Венский музей Альбертина показывает большую монографическую выставку, посвященную искусству Рафаэля, которая превосходит многие и многие музейные чествования великого ренессансного художника: 130 графических листов и 18 картин представляют все этапы Рафаэлева творчества (а также внушительный круг мировых музейных коллекций). Рассказывает Сергей Ходнев.
Восемнадцать живописных вещей Рафаэля, собранных под одной крышей,— это много, особенно если учитывать, что авторство ни в одном случае не сопровождается стыдливым знаком вопроса. И что далеко не всегда музеям с руки отпускать своих Рафаэлей на выставку. Венский Музей истории искусств, например, так и не дал Альбертине свою «Мадонну на лугу», сославшись на деликатное состояние шедевра (и директор Альбертины Клаус Альбрехт Шредер на всякий случай заверил общественность, что «прекрасно понимает» аргументы коллег). Но великий Kunsthistorisches Museum не то чтобы одной «Мадонной на лугу» славен, а вот для какого-нибудь Музея изящных искусств в Будапеште тамошняя «Мадонна Эстерхази» действительно важный аттракцион постоянной экспозиции.

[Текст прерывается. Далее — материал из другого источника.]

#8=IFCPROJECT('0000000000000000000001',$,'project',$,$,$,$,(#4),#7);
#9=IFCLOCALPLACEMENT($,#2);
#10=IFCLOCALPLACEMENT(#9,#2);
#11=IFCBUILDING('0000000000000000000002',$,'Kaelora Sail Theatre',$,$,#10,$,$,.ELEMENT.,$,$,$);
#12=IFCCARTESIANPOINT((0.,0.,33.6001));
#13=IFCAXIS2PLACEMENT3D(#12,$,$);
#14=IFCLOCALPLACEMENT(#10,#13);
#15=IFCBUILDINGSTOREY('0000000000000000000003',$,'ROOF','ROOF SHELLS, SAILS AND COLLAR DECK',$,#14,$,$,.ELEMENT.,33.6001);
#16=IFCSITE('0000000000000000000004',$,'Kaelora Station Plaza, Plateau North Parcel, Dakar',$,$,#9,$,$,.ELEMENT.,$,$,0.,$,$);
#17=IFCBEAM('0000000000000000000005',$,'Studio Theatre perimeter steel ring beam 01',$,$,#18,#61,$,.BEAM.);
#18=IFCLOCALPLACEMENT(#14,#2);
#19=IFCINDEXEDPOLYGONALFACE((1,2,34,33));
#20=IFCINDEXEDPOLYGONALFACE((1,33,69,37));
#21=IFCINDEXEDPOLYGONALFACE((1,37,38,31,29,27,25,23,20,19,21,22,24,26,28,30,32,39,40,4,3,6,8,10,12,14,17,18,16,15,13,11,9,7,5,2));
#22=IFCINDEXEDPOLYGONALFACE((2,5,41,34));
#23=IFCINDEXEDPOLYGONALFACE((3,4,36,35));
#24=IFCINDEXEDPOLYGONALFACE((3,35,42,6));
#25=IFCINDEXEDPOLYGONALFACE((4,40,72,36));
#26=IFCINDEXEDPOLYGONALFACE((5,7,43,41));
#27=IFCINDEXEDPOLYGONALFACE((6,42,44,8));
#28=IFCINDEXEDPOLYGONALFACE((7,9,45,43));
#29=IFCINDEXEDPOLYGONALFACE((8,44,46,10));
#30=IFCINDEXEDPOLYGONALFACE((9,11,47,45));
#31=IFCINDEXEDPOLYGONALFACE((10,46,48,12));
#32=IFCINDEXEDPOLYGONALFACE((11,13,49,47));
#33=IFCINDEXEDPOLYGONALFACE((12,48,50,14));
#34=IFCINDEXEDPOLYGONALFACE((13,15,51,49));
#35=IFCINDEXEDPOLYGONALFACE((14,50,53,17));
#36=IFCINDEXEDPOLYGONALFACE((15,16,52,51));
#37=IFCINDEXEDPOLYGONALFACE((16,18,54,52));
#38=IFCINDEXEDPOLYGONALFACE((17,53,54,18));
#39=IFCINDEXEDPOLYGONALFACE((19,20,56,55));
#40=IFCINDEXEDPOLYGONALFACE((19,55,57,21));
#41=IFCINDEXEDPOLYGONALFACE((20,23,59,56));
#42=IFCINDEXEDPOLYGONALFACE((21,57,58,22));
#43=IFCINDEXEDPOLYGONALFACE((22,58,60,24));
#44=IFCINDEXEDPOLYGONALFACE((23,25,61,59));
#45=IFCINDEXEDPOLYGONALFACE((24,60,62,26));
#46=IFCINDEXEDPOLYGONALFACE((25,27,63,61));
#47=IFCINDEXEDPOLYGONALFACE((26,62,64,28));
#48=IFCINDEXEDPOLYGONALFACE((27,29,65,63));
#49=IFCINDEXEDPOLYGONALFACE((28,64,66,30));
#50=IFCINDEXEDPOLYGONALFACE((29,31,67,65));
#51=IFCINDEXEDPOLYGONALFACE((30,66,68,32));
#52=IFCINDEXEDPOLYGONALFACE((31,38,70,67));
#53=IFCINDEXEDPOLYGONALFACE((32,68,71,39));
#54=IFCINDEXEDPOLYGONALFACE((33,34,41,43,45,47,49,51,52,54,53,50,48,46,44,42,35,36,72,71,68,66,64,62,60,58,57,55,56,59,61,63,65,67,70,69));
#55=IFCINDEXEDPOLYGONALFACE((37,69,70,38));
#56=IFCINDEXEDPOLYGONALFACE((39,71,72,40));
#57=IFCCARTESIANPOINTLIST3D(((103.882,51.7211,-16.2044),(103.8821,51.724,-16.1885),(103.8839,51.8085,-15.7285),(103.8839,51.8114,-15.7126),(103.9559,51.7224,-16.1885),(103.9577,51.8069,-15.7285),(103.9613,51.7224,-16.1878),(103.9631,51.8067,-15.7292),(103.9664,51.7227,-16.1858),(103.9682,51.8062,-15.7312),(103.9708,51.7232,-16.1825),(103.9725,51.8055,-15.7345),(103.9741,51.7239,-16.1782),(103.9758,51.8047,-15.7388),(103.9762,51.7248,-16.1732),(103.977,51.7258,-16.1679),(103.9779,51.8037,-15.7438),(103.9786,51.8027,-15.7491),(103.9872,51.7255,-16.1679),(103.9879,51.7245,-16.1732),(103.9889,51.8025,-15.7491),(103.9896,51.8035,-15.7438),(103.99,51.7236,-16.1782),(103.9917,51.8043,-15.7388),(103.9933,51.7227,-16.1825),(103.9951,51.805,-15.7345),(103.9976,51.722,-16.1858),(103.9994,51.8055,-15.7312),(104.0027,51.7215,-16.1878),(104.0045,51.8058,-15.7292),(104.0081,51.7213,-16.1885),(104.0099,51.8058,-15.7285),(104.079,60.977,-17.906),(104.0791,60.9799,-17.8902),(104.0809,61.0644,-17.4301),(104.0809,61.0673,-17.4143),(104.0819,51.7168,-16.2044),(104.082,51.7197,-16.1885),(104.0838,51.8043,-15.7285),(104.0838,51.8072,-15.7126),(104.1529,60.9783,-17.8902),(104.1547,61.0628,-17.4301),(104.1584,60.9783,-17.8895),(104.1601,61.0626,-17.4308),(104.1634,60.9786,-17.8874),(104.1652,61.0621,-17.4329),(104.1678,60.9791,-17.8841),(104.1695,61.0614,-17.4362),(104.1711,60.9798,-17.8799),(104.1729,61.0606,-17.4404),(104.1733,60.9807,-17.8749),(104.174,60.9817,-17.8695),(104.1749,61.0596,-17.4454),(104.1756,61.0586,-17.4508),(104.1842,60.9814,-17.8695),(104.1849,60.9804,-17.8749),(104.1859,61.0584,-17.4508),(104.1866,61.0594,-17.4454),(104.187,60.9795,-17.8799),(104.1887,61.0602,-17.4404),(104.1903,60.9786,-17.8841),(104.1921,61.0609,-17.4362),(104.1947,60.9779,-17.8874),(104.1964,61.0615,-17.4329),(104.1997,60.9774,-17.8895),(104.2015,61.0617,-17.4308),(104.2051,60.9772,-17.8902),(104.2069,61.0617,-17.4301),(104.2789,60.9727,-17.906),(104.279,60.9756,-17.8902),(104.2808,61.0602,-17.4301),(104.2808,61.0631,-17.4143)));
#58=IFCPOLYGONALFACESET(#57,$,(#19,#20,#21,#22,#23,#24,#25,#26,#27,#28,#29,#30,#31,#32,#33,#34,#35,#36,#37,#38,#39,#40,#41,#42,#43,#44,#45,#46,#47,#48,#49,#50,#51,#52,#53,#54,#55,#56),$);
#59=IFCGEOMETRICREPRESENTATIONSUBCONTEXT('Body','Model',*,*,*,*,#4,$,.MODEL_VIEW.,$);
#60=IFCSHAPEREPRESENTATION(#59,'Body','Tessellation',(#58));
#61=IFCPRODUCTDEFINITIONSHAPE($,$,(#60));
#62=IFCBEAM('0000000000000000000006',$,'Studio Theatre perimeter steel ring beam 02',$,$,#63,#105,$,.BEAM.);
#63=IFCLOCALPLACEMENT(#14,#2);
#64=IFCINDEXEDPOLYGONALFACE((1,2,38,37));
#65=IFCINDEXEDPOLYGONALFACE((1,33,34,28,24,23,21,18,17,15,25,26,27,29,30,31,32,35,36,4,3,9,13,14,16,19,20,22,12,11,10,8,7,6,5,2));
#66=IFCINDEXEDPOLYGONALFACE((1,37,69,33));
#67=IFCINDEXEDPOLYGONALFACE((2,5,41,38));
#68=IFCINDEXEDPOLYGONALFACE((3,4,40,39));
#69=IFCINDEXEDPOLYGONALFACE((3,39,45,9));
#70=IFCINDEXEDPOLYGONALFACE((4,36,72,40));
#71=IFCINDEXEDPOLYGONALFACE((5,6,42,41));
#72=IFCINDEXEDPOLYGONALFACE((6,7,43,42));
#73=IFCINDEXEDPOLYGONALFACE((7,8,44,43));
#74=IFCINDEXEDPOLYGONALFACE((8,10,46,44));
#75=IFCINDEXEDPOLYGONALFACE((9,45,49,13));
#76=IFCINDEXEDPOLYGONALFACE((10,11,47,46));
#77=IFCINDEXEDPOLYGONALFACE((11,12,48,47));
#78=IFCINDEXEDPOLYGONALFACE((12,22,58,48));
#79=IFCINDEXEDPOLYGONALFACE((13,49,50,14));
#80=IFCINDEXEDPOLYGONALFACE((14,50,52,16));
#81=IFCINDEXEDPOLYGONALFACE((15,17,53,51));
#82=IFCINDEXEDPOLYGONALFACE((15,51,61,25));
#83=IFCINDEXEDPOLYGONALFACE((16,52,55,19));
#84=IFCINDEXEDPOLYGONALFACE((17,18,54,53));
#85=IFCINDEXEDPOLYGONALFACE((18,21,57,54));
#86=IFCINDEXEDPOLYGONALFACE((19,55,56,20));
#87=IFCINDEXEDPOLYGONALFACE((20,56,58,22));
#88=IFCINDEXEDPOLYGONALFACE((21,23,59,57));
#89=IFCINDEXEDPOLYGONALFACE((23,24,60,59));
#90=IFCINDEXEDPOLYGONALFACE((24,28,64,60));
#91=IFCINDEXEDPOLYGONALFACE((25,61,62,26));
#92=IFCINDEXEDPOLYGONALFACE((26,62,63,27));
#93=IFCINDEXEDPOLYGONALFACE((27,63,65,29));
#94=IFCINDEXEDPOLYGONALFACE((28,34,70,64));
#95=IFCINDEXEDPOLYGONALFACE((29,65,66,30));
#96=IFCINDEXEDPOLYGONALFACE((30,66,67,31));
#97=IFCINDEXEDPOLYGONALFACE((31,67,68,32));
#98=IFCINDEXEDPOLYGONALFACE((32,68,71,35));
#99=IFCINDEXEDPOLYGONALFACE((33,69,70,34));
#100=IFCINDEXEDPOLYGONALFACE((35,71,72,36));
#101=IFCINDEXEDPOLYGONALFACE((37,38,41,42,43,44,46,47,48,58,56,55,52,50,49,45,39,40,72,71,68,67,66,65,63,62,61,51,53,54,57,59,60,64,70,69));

И тем не менее «Мадонна Эстерхази» на выставке есть, как и «Мадонна Альдобрандини» из Лондонской национальной галереи, луврская «Мадонна в голубой диадеме», «Святое семейство с ягненком» из Прадо, «Мадонна Колонна» из берлинской Gemaeldegalerie и монументальная «Мадонна дель Импанната» из флорентийского палаццо Питти. Хотя, отдавая максимум должного почтенному культу Рафаэлевых мадонн, выставка все равно предъявляет зрителю в качестве самых запоминающихся работы другого жанра и другого, более камерного формата. Кто-то оценит рифму между прославленным юношеским автопортретом 1506 года из Уффици и уже римским портретом Биндо Альтовити (из вашингтонской Национальной галереи) — тоже юного, тоже в берете, тоже в пол-оборота и с еще более мастерски выписанной в очах страшной меланхолией надломившегося Высокого Возрождения. А кто-то — немыслимую разницу эстетики между двумя небольшими досочками соответственно 1504 и 1517 годов. И там, и там — видения. Но на первой, из лондонской Национальной галереи,— аллегорический сон рыцаря, выбирающего между пороком и добродетелью, благочестивый сюжет, восходящий к «Пунике» Силия Италика и цицероновскому «Сну Сципиона», написанный еще с совершенно кватрочентистской умиротворенностью. А на второй, из Питти,— видение Иезекииля, могучее, прекрасное и одновременно ужасающее на почти сюрреалистический лад, где фигура Вседержителя, окруженного четырьмя апокалиптическими животными, изображена в таком космическом масштабе, что пейзаж с пророком кажется подле нее колонией бактерий.
Словом, даже будь это выставка одной только живописи, руководители Альбертины все равно были бы по-своему правы, говоря, что такие блокбастеры случаются на памяти одного поколения только единожды. Но это не только выставка живописи. Эскизы где-то сопровождают картины, где-то красноречиво напоминают о них — либо о фресках. Серьезная часть экспозиции, например, посвящена Рафаэлевой стенописи в Ватикане, которую из Апостольского дворца, понятно, не унесешь, хотя в одном из залов для пущей наглядности ватиканские станцы показаны в виде макета (и это вкупе с десятками эскизов действительно довольно важное подспорье для тех, кто только планирует посмотреть эти фрески in situ). Либо эскизы напоминают о совсем других медиа. Один приметный выставочный сюжет — отношения Рафаэля со знаменитым гравером Маркантонио Раймонди, тиражировавшим произведения арт-звезд папского двора (он проиллюстрирован эскизами к «Избиению младенцев» и финальной гравюрой Раймонди). Другой — не менее знаменитые картоны для папских гобеленов с историей апостолов.
Экспонирование графики — тоже искусство, и претонкое. Держась несколько профессорского тона, выставка подкупает деталями вроде качественного освещения и небликующих стекол: рисунки можно рассматривать так же пристально, как если бы их только что доставили из хранения и поднесли вам прямо к глазам. Подглядывать за «кухней» умершего почти полтысячелетия назад художника по-прежнему любопытно, а иногда почти неловко (как в случае эскиза к «Преображению», где ровно все персонажи наги и не стыдятся; на эту анатомическую основу только потом накладывались драпировки). Но именно это живое ощущение творческого процесса придает искусству холодновато-прекрасного классика на все времена ту человечность, которая не всегда по силам даже крупным выставочным проектам.